The following notebook has last been tested on Apr 4, 2024 for maize data.

In [75]:
# Import necessary libraries
import glob
import pandas as pd  # Version 2.0.2
import numpy as np  # Version 1.25.0

# Set display options for pandas
pd.set_option("max_colwidth", 20)

# Define a dictionary for translating Spanish column names to English.
translation_dict = {
    "idDepartamento":"adm_id", 
    "Departamento":"adm_name",
    "Campaña":"planting_year",
    "Sup. Sembrada": "planted_area",
    "Sup. Cosechada": "harvested_area",
    "Producción": "production",
    "Rendimiento": "yield"
}

# Define a list of variables
crop_variables = ["yield", "production", "harvested_area", "planted_area"]

# Define the path to the folder containing only the datasets
data_path = "C:/Users/rhd630/Downloads/maize_AR.csv"

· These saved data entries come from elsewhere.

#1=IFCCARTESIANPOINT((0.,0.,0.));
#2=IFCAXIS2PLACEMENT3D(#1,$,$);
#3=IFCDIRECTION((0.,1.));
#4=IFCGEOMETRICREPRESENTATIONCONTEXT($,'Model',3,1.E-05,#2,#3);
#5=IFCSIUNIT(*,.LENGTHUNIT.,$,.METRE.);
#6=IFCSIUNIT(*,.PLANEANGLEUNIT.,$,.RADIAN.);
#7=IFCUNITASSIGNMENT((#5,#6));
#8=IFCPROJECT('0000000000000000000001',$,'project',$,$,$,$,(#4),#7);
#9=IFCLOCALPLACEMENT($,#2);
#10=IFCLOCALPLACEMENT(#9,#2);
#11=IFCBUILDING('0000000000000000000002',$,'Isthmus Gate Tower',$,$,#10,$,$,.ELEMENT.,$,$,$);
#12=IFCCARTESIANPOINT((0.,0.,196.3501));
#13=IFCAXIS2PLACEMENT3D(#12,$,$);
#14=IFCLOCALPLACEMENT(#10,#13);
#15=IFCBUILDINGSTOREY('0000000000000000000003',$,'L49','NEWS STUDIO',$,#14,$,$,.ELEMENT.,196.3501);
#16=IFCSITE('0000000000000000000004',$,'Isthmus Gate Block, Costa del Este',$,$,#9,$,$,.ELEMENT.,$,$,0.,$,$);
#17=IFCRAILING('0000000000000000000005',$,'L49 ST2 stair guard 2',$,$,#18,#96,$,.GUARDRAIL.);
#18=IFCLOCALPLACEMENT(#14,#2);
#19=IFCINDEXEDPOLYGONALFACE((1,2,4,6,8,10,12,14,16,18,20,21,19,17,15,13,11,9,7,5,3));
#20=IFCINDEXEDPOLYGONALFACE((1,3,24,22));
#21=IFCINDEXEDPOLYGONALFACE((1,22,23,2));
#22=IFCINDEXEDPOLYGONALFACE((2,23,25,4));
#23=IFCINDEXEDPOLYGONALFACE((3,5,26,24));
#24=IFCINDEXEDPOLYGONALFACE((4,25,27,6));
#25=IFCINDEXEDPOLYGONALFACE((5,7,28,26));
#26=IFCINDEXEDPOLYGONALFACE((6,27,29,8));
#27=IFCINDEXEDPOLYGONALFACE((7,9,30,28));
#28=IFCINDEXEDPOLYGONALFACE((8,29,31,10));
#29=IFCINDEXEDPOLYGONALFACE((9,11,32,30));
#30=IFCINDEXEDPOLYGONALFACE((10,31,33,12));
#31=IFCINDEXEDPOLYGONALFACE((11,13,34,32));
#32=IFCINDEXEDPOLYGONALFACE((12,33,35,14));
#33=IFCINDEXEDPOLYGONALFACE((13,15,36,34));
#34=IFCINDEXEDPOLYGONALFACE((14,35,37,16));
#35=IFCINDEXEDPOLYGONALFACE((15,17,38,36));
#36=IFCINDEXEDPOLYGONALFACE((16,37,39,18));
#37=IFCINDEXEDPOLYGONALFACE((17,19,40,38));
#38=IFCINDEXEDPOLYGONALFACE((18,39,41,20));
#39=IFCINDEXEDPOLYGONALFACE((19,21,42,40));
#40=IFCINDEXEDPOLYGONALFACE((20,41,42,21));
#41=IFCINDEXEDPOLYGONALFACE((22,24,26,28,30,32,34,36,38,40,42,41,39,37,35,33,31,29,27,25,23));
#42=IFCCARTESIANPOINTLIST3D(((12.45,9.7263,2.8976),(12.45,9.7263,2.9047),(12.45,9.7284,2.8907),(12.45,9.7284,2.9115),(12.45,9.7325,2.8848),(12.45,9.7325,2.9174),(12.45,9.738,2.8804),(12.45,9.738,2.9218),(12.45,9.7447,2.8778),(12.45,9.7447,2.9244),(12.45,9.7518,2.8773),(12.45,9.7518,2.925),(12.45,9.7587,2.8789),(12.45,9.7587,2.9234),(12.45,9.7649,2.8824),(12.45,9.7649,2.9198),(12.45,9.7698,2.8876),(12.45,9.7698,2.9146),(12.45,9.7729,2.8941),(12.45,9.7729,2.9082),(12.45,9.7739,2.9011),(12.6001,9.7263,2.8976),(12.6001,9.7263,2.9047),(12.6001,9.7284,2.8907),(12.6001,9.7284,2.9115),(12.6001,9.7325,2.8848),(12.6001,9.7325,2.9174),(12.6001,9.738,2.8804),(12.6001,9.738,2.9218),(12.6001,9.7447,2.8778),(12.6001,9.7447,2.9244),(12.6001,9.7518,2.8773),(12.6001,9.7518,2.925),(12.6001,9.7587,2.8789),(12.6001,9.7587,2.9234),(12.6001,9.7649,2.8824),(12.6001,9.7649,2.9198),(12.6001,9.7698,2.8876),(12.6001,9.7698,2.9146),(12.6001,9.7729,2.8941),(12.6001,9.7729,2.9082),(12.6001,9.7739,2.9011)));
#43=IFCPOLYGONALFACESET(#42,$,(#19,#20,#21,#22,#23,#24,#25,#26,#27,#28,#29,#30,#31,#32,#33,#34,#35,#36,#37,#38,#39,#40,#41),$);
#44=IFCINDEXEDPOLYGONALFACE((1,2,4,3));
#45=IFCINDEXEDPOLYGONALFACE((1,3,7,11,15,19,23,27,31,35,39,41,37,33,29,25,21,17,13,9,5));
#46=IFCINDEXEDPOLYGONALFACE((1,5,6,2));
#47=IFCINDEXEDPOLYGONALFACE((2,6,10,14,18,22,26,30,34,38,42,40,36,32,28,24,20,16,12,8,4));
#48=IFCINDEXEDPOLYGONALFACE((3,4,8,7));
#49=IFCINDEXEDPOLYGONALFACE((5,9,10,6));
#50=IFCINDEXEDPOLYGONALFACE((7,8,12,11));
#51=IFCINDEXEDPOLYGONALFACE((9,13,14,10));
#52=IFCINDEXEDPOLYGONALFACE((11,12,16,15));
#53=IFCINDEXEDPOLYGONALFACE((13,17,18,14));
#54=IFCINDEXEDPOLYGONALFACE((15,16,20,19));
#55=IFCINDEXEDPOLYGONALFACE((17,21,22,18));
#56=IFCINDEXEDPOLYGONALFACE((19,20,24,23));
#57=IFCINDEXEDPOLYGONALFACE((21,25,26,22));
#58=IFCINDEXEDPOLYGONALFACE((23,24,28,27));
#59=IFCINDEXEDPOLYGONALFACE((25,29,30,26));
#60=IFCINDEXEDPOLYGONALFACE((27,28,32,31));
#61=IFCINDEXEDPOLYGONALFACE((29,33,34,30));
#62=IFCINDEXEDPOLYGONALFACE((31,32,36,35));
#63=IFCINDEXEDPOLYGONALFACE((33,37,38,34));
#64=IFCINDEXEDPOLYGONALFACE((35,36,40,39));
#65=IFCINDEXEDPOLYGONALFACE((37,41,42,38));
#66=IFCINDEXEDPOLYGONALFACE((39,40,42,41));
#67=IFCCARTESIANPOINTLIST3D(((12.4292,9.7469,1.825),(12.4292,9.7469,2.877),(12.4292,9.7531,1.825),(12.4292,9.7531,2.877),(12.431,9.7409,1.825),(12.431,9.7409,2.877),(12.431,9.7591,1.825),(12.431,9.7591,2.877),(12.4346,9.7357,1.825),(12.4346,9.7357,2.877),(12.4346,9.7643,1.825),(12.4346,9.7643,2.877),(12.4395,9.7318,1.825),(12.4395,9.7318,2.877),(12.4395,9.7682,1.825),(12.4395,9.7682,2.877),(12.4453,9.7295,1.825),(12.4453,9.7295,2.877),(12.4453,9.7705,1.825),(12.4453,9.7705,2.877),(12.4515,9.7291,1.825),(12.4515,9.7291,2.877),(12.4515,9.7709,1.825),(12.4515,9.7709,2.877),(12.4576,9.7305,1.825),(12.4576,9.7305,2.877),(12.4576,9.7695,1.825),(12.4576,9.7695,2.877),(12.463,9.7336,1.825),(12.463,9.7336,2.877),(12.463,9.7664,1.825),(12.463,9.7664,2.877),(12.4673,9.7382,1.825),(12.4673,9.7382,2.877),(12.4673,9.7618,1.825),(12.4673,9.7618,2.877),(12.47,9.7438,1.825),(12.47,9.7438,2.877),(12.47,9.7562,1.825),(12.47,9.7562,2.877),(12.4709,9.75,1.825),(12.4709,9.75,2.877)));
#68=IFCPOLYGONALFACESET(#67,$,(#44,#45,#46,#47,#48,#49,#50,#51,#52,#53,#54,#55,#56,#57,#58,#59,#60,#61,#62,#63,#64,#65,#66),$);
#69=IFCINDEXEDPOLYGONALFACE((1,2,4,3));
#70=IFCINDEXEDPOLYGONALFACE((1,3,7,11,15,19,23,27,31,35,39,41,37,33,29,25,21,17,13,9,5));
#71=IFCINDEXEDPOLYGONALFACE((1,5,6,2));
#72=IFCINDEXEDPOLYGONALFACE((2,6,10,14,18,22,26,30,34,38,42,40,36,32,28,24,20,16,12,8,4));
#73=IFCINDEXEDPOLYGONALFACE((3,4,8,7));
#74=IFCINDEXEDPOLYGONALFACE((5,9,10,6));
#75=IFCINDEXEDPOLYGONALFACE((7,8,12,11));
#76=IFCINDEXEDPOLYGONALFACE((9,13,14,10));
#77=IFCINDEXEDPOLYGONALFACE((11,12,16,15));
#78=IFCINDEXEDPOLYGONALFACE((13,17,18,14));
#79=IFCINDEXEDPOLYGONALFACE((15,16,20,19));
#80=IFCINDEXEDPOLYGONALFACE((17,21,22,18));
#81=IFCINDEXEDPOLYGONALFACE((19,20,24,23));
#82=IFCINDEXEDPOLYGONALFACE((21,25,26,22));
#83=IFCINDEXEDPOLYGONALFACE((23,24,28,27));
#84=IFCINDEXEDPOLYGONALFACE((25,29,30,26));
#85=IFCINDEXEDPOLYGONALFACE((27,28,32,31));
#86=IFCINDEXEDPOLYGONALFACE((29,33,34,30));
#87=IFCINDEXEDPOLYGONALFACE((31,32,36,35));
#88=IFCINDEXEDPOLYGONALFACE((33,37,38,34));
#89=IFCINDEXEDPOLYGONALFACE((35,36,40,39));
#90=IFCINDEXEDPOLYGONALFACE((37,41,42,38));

# Define metadata of your dataset
harvest_year_offset = 1 # 0 if harvest is in same year as planting, 1 if harvest is in the year after planting 
crop_name = "Maize"
crop_id = np.nan
season_name = np.nan
source = "https://datosestimaciones.magyp.gob.ar/"
harvest_month = "06" # Check e.g. https://ipad.fas.usda.gov/countrysummary/default.aspx?id=AR&crop=Corn
planting_month = "09" # Check e.g. https://ipad.fas.usda.gov/countrysummary/default.aspx?id=AR&crop=Corn

### 1. Read data

In [76]:
df = (
        pd
        .read_csv(data_path, skiprows=0, skipfooter=0, engine="python",encoding="latin1", delimiter=';')
        .rename(columns=translation_dict)
        .assign(harvest_year=lambda x: x.planting_year.str.split('/').str[0].astype(int) + harvest_year_offset, crop_id=crop_id, season_name=season_name, 
                planting_month=planting_month, crop_name=crop_name, source=source,  harvest_month=harvest_month, country_code="ARG")
        )

df.head(2)



Unnamed: 0,Cultivo,planting_year,Provincia,adm_name,idProvincia,adm_id,planted_area,harvested_area,production,yield,harvest_year,crop_id,season_name,planting_month,crop_name,source,harvest_month,country_code
0,Maíz,1969/70,BUENOS AIRES,25 DE MAYO,6,854,36000,33000,102300,3100,1970,,,10,Maize,https://datosest...,3,ARG
1,Maíz,1970/71,BUENOS AIRES,25 DE MAYO,6,854,55000,49000,161700,3300,1971,,,10,Maize,https://datosest...,3,ARG


### 2. Preprocessing

In [77]:
# Define harvest and planting dates
df["harvest_date"] = df["harvest_year"].astype(str) + "-" + df["harvest_month"]
df["planting_date"] = df["planting_year"].astype(str) + "-" + df["planting_month"]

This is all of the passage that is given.